The ingredients for inventing the photomultiplier were coming together during the 1920s as the pace of vacuum tube technology accelerated. The primary goal for many, if not most, workers was the need for a practical television camera technology. Television had been pursued with primitive prototypes for decades prior to the 1934 introduction of the first practical camera (the iconoscope). Early prototype television cameras lacked sensitivity. Photomultiplier technology was pursued to enable television camera tubes, such as the iconoscope and (later) the orthicon, to be sensitive enough to be practical. So the stage was set to combine the dual phenomena of photoemission (i.e., the photoelectric effect) with secondary emission, both of which had already been studied and adequately understood, to create a practical photomultiplier.

First photomultiplier, single-stage (early 1934)

The first documented photomultiplier demonstration dates to the early 1934 accomplishments of an RCA group based in Harrison, NJ. Harley Iams and Bernard Salzberg were the first to integrate a photoelectric-effect cathode and single secondary emission amplification stage in a single vacuum envelope and the first to characterize its performance as a photomultiplier with electron amplification gain. These accomplishments were finalized prior to June 1934 as detailed in the manuscript submitted to Proceedings of the Institute of Radio Engineers (Proc. IRE).[7] The device consisted of a semi-cylindrical photocathode, a secondary emitter mounted on the axis, and a collector grid surrounding the secondary emitter. The tube had a gain of about eight and operated at frequencies well above 10 kHz.

Magnetic photomultipliers (mid 1934–1937)

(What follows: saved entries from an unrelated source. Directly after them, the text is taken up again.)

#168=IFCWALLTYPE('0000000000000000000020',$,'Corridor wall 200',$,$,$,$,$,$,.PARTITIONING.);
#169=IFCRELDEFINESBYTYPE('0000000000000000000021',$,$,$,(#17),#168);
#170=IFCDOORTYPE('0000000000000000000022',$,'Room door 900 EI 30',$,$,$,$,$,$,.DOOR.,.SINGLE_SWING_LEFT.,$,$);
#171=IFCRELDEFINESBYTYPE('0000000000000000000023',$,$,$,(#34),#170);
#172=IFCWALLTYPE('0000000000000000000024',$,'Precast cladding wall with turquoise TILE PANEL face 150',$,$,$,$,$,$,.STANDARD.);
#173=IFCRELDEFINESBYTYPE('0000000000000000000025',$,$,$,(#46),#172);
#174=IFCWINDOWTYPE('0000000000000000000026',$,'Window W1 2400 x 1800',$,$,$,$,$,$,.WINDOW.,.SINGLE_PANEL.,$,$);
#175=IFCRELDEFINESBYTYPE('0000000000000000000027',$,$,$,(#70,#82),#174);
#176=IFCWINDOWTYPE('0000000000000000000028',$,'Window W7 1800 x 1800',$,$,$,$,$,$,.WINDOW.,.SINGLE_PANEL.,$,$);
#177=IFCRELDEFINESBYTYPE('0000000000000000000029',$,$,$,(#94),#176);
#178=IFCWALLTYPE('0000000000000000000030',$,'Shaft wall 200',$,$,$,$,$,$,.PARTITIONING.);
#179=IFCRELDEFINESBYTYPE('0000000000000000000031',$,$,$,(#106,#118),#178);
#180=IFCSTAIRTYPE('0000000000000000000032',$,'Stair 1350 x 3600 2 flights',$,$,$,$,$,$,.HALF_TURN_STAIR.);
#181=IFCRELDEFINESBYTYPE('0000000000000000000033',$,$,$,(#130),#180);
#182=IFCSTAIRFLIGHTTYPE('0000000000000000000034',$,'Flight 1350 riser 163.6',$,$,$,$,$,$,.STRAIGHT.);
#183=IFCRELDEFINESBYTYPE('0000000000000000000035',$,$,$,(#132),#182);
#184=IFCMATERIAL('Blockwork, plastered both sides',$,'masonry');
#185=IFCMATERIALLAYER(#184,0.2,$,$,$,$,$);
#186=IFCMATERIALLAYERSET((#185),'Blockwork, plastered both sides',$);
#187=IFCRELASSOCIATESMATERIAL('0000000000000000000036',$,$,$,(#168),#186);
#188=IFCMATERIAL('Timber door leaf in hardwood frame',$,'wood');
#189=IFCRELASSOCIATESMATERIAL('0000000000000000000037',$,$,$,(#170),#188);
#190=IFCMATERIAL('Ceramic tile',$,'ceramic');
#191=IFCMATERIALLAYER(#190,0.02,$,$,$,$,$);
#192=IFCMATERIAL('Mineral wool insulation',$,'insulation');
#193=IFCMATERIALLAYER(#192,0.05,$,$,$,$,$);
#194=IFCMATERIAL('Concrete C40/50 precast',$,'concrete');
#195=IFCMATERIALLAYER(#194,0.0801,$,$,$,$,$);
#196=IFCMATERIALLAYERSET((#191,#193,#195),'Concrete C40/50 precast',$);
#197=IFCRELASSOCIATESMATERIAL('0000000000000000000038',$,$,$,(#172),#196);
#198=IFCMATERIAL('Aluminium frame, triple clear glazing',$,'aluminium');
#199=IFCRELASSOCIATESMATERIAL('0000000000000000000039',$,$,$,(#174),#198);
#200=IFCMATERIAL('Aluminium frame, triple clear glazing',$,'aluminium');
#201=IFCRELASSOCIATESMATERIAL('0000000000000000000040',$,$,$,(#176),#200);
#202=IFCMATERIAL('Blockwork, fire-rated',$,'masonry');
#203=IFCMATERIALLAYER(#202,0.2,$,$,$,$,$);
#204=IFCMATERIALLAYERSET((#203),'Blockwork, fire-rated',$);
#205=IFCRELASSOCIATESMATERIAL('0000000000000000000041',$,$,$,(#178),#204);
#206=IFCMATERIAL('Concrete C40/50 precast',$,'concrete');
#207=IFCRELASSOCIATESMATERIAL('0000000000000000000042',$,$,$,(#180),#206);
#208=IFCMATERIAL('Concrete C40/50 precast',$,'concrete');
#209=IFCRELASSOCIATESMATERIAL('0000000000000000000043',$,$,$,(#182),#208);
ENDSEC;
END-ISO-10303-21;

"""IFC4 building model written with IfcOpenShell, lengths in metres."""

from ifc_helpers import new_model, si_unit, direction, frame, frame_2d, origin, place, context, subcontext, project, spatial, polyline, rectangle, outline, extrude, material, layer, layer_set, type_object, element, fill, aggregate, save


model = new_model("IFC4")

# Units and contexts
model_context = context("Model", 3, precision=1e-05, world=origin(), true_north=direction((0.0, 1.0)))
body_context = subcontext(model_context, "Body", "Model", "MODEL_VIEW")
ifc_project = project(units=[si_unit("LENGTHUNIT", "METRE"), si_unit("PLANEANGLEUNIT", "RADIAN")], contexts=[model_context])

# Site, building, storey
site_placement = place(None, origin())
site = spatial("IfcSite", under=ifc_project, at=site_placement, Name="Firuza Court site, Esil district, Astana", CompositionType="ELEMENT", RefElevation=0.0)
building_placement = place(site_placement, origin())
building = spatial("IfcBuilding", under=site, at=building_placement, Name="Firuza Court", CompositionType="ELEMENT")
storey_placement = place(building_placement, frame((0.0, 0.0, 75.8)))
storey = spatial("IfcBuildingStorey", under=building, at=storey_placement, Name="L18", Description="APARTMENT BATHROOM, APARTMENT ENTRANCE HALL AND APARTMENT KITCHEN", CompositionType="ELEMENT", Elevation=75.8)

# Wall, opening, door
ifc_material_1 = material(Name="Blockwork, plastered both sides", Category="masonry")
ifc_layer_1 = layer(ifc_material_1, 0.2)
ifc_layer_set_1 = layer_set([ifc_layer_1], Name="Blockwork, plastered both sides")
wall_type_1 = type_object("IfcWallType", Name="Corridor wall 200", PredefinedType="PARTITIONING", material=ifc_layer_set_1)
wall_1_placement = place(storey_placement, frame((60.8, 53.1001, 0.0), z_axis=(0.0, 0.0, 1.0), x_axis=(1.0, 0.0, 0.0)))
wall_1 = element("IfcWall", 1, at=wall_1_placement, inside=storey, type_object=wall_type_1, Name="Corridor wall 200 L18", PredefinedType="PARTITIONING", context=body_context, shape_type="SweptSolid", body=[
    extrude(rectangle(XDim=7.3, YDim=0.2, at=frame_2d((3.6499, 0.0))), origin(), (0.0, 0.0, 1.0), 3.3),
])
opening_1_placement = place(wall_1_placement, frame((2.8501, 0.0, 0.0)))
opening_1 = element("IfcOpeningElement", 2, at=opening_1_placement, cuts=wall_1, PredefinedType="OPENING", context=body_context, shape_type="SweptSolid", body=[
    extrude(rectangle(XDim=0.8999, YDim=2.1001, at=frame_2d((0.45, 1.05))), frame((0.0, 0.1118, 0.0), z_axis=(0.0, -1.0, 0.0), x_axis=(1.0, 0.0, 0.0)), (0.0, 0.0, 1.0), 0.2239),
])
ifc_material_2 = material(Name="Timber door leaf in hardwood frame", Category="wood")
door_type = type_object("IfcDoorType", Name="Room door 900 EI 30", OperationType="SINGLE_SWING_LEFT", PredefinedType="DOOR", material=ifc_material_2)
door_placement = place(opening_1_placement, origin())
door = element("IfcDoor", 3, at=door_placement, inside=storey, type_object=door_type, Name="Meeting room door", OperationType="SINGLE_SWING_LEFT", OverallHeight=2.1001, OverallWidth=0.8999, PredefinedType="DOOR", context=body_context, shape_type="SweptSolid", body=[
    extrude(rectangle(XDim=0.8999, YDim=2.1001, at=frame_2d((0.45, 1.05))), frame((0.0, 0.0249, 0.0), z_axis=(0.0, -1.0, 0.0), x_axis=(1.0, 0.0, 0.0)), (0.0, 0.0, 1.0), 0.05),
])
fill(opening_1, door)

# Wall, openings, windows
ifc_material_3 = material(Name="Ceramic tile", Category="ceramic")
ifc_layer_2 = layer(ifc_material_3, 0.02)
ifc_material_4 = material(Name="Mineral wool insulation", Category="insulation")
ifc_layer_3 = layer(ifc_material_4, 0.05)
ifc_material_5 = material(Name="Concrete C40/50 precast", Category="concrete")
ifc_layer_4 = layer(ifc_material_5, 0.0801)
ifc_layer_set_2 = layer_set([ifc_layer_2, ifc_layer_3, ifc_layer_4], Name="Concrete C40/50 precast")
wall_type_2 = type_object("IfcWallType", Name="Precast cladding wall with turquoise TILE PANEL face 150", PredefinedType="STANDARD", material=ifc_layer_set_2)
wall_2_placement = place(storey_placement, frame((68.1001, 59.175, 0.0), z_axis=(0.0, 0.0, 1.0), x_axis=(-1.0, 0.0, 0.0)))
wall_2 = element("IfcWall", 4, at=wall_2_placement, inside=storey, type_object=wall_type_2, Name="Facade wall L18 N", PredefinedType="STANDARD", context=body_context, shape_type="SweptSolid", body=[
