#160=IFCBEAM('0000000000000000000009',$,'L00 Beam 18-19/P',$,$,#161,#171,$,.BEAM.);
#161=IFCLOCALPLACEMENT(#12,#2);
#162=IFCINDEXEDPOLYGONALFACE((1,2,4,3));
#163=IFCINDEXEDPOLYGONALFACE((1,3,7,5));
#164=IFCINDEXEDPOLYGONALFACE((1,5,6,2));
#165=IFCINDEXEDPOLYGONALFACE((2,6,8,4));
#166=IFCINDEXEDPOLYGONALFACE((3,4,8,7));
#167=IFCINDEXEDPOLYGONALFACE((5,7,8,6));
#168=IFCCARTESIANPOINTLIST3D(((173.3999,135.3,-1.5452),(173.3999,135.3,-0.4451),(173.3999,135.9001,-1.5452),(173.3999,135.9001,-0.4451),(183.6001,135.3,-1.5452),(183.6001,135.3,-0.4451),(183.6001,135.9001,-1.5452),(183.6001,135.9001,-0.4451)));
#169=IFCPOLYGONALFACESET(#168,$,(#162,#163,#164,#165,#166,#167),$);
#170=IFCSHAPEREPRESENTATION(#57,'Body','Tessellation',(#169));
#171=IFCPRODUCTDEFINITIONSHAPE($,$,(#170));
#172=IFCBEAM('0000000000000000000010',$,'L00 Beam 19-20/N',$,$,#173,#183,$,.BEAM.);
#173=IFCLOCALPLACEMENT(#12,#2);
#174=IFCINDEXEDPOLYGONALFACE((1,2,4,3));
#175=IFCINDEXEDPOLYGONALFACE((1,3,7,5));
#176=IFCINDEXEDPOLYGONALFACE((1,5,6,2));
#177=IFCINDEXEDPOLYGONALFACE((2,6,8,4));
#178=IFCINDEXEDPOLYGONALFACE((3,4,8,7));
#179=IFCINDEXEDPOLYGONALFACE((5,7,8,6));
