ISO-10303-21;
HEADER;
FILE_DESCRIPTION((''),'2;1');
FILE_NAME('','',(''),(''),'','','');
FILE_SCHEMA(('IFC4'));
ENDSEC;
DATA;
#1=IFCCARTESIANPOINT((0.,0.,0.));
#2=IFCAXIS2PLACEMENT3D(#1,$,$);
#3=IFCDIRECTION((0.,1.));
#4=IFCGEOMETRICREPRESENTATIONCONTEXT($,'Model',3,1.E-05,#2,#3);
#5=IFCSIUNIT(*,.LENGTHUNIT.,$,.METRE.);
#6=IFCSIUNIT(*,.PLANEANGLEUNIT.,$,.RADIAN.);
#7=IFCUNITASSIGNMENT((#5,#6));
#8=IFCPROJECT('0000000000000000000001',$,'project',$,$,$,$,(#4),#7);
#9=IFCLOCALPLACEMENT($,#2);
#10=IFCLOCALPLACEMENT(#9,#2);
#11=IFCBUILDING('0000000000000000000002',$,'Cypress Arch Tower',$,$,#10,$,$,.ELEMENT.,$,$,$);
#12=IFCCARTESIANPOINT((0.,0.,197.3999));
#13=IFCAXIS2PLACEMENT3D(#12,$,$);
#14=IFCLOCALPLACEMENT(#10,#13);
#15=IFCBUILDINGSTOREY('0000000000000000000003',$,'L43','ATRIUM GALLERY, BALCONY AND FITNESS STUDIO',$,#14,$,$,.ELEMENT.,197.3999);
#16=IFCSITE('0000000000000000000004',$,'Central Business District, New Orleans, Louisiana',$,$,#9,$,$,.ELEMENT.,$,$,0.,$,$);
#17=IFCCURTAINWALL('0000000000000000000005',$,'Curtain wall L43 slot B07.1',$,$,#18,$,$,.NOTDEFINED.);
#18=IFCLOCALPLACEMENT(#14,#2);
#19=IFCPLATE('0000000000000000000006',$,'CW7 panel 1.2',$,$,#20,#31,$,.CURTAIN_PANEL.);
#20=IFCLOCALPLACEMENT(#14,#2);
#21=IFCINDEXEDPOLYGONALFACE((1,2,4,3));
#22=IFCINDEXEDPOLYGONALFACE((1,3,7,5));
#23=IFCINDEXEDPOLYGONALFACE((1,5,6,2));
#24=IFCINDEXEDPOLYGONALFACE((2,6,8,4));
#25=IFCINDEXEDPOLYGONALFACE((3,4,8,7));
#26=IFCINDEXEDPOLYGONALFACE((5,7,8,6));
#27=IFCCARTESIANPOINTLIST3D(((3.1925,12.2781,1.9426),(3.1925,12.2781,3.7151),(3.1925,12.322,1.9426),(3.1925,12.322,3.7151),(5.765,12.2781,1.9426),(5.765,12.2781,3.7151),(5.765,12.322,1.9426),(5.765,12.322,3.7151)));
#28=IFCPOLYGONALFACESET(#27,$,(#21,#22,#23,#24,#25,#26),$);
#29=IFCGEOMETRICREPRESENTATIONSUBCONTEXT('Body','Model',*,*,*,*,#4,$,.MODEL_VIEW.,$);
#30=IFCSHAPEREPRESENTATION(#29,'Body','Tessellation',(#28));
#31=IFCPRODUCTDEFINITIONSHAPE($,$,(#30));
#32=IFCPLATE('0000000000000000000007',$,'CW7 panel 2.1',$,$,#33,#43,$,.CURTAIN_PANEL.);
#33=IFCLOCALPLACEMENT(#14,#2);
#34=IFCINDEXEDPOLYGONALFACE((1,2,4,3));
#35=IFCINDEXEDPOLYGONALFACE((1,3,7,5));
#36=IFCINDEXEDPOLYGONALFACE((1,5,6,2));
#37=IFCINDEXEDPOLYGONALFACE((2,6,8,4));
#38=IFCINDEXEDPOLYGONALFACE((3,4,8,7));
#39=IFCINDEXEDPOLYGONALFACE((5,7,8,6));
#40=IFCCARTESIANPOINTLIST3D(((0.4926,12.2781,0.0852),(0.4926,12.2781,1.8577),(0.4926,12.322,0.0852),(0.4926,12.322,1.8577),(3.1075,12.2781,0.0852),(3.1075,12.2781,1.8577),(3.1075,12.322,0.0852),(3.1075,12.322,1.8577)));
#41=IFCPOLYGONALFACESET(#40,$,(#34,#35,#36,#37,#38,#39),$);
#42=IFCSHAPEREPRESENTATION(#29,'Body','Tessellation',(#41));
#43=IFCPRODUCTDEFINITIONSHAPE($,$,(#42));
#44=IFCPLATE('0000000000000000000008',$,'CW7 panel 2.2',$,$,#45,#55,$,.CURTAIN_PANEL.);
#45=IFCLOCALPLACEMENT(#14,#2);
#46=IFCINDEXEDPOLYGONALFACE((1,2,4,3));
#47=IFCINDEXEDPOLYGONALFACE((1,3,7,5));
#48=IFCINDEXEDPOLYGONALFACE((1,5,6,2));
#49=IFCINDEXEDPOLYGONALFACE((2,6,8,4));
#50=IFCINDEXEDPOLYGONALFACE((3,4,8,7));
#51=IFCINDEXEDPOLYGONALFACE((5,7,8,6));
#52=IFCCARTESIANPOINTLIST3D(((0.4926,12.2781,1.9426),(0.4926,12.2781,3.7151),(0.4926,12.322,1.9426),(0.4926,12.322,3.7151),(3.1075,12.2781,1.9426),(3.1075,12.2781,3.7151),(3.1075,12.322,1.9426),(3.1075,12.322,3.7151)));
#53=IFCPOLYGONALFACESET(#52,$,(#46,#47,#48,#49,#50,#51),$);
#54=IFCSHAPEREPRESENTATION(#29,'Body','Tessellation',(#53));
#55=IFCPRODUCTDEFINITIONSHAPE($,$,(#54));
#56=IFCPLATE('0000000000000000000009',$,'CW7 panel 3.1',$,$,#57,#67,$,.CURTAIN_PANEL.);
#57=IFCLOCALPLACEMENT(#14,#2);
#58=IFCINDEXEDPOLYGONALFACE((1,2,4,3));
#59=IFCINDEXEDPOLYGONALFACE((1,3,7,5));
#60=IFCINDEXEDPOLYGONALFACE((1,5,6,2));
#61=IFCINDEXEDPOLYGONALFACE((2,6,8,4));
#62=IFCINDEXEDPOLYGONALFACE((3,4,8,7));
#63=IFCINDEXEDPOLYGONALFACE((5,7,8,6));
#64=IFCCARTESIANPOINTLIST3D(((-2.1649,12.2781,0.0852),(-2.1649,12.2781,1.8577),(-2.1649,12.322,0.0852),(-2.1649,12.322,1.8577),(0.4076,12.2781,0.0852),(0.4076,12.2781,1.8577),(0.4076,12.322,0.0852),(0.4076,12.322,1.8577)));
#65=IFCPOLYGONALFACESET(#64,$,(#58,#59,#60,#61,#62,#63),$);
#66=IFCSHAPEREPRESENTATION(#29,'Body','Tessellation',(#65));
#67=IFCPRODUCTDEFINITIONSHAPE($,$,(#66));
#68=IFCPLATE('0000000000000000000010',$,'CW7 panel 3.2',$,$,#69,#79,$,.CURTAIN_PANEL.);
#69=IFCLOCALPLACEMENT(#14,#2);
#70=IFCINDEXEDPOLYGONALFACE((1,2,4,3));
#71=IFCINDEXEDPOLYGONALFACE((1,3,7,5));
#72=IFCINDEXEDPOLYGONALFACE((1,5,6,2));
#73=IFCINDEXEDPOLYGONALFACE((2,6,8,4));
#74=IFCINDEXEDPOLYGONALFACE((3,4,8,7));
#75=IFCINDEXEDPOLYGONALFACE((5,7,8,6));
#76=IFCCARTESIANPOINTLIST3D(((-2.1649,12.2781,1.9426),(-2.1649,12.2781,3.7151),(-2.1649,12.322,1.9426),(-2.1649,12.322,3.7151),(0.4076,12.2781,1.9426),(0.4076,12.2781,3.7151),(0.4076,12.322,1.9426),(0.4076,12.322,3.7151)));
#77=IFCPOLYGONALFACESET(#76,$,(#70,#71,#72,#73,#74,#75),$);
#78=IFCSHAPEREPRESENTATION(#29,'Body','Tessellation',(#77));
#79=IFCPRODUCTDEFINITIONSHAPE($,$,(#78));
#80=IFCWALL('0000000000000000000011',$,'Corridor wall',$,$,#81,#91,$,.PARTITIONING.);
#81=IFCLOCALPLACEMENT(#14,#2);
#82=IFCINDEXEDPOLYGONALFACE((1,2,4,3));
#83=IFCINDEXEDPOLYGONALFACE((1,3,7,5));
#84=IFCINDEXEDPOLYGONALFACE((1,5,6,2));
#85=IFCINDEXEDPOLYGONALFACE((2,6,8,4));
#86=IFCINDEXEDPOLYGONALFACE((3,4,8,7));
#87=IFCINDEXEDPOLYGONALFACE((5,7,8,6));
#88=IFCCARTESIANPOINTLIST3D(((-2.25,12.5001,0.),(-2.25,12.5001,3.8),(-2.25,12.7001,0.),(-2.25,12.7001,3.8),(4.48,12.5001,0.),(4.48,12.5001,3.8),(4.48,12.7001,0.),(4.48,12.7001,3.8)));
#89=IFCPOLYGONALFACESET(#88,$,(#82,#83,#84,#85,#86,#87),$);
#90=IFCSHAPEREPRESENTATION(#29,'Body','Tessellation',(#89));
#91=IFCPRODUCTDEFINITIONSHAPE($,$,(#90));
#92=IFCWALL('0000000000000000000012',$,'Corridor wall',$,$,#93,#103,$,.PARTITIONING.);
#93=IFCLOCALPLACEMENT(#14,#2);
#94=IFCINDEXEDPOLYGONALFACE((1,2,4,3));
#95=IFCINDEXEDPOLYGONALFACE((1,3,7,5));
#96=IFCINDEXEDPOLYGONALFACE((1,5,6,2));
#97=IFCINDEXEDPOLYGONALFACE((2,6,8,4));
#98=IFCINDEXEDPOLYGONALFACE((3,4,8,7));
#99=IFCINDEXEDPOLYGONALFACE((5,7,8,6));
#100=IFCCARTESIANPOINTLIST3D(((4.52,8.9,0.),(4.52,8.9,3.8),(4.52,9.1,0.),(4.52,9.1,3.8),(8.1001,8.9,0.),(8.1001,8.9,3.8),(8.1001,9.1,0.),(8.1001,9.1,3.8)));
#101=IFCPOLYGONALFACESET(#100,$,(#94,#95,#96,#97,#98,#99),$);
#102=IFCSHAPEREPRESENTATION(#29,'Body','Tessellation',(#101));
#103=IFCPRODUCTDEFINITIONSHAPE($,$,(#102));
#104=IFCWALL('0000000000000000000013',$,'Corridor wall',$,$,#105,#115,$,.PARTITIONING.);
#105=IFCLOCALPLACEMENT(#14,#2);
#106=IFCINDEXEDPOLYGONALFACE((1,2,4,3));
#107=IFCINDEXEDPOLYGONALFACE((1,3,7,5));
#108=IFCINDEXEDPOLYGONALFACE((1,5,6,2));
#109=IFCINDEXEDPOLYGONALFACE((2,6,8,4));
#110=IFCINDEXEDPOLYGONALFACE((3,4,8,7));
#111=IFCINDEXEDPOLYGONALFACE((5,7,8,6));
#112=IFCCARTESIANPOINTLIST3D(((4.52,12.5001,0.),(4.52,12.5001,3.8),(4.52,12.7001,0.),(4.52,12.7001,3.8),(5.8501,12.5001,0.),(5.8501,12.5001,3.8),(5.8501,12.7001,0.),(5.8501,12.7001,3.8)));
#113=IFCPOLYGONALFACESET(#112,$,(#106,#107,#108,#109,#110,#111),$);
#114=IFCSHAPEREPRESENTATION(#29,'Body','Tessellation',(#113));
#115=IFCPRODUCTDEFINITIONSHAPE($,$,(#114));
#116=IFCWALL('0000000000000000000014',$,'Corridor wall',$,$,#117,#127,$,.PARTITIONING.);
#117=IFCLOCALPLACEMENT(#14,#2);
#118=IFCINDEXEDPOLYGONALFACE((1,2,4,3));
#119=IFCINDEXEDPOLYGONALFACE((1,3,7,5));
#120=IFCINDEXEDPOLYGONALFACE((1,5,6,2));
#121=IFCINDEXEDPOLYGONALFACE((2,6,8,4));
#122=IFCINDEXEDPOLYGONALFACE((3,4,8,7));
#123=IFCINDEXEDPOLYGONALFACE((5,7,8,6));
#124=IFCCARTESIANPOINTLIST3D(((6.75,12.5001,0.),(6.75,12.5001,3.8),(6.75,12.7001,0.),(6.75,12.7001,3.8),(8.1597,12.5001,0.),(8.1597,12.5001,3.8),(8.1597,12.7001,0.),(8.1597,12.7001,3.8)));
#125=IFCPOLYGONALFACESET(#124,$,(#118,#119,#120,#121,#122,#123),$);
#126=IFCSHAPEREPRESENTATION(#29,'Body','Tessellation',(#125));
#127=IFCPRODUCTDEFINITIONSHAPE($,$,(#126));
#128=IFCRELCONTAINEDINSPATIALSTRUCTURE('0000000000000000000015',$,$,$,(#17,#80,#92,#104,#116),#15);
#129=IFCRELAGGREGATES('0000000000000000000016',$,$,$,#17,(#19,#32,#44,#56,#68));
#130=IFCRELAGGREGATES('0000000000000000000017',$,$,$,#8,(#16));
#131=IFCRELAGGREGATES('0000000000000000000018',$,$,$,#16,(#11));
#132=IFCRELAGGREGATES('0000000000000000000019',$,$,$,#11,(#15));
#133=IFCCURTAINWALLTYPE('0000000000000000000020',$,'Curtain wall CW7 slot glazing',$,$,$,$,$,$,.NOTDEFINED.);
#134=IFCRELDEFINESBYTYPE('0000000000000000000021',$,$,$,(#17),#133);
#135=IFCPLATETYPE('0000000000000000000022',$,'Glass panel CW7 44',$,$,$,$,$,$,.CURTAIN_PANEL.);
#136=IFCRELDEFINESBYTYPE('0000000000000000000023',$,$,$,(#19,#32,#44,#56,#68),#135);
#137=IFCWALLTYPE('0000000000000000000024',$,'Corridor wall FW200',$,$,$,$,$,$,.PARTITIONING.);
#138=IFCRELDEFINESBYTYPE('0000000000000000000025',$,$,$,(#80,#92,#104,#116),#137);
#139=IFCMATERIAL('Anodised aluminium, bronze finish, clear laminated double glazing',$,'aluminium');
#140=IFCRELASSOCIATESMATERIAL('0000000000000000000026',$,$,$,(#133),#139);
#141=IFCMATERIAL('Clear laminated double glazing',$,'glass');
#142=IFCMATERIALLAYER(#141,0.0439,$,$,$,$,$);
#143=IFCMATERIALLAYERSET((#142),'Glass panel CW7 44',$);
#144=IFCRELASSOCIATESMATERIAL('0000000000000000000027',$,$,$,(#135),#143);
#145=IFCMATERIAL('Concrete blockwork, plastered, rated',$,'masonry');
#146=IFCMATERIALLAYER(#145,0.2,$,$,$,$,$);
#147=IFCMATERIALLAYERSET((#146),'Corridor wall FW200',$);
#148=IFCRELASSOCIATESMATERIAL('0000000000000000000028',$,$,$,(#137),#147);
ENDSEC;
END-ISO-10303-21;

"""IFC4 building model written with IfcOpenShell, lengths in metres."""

from ifc_helpers import new_model, si_unit, direction, frame, frame_2d, origin, origin_2d, place, context, subcontext, project, spatial, rectangle, extrude, material, layer, layer_set, type_object, element, aggregate, save


model = new_model("IFC4")

# Units and contexts
model_context = context("Model", 3, precision=1e-05, world=origin(), true_north=direction((0.0, 1.0)))
body_context = subcontext(model_context, "Body", "Model", "MODEL_VIEW")
ifc_project = project(units=[si_unit("LENGTHUNIT", "METRE"), si_unit("PLANEANGLEUNIT", "RADIAN")], contexts=[model_context])

# Site, building, storey
site_placement = place(None, origin())
site = spatial("IfcSite", under=ifc_project, at=site_placement, Name="Central Business District, New Orleans, Louisiana", CompositionType="ELEMENT", RefElevation=0.0)
building_placement = place(site_placement, origin())
building = spatial("IfcBuilding", under=site, at=building_placement, Name="Cypress Arch Tower", CompositionType="ELEMENT")
storey_placement = place(building_placement, frame((0.0, 0.0, 197.3999)))
storey = spatial("IfcBuildingStorey", under=building, at=storey_placement, Name="L43", Description="ATRIUM GALLERY, BALCONY AND FITNESS STUDIO", CompositionType="ELEMENT", Elevation=197.3999)

# Curtain wall
ifc_material_1 = material(Name="Anodised aluminium, bronze finish, clear laminated double glazing", Category="aluminium")
curtain_wall_type = type_object("IfcCurtainWallType", Name="Curtain wall CW7 slot glazing", PredefinedType="NOTDEFINED", material=ifc_material_1)
curtain_wall_1_placement = place(storey_placement, origin())
curtain_wall_1 = element("IfcCurtainWall", 1, at=curtain_wall_1_placement, inside=storey, type_object=curtain_wall_type, Name="Curtain wall L43 slot B07.1", PredefinedType="NOTDEFINED")

# Plates
ifc_material_2 = material(Name="Clear laminated double glazing", Category="glass")
ifc_layer_1 = layer(ifc_material_2, 0.0439)
ifc_layer_set_1 = layer_set([ifc_layer_1], Name="Glass panel CW7 44")
plate_type = type_object("IfcPlateType", Name="Glass panel CW7 44", PredefinedType="CURTAIN_PANEL", material=ifc_layer_set_1)
plate_1_placement = place(storey_placement, frame((4.4788, 12.3, 1.9426), z_axis=(0.0, 0.0, 1.0), x_axis=(-1.0, 0.0, 0.0)))
plate_1 = element("IfcPlate", 2, at=plate_1_placement, type_object=plate_type, Name="CW7 panel 1.2", PredefinedType="CURTAIN_PANEL", context=body_context, shape_type="SweptSolid", body=[
    extrude(rectangle(XDim=2.5725, YDim=0.0439, at=origin_2d()), origin(), (0.0, 0.0, 1.0), 1.7725),
])
plate_2_placement = place(storey_placement, frame((1.8, 12.3, 0.0852), z_axis=(0.0, 0.0, 1.0), x_axis=(-1.0, 0.0, 0.0)))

Higher gains were sought than those available from the early single-stage photomultipliers. However, it is an empirical fact that the yield of secondary electrons is limited in any given secondary emission process, regardless of acceleration voltage. Thus, any single-stage photomultiplier is limited in gain. At the time the maximum first-stage gain that could be achieved was approximately 10 (very significant developments in the 1960s permitted gains above 25 to be reached using negative electron affinity dynodes). For this reason, multiple-stage photomultipliers, in which the photoelectron yield could be multiplied successively in several stages, were an important goal. The challenge was to cause the photoelectrons to impinge on successively higher-voltage electrodes rather than to travel directly to the highest voltage electrode. Initially this challenge was overcome by using strong magnetic fields to bend the electrons' trajectories. Such a scheme had earlier been conceived by inventor J. Slepian by 1919 (see above). Accordingly, leading international research organizations turned their attention towards improving photomultiplers to achieve higher gain with multiple stages.
In the USSR, RCA-manufactured radio equipment was introduced on a large scale by Joseph Stalin to construct broadcast networks, and the newly formed All-Union Scientific Research Institute for Television was gearing up a research program in vacuum tubes that was advanced for its time and place. Numerous visits were made by RCA scientific personnel to the USSR in the 1930s, prior to the Cold War, to instruct the Soviet customers on the capabilities of RCA equipment and to investigate customer needs.[8] During one of these visits, in September 1934, RCA's Vladimir Zworykin was shown the first multiple-dynode photomultiplier, or photoelectron multiplier. This pioneering device was proposed by Leonid A. Kubetsky in 1930[9] which he subsequently built in 1934. The device achieved gains of 1000x or more when demonstrated in June 1934. The work was submitted for print publication only two years later, in July 1936[10] as emphasized in a recent 2006 publication of the Russian Academy of Sciences (RAS),[11] which terms it "Kubetsky's Tube." The Soviet device used a magnetic field to confine the secondary electrons and relied on the Ag-O-Cs photocathode which had been demonstrated by General Electric in the 1920s.
By October 1935, Vladimir Zworykin, George Ashmun Morton, and Louis Malter of RCA in Camden, NJ submitted their manuscript describing the first comprehensive experimental and theoretical analysis of a multiple dynode tube — the device later called a photomultiplier[12] — to Proc. IRE. The RCA prototype photomultipliers also used an Ag-O-Cs (silver oxide-caesium) photocathode. They exhibited a peak quantum efficiency of 0.4% at 800 nm.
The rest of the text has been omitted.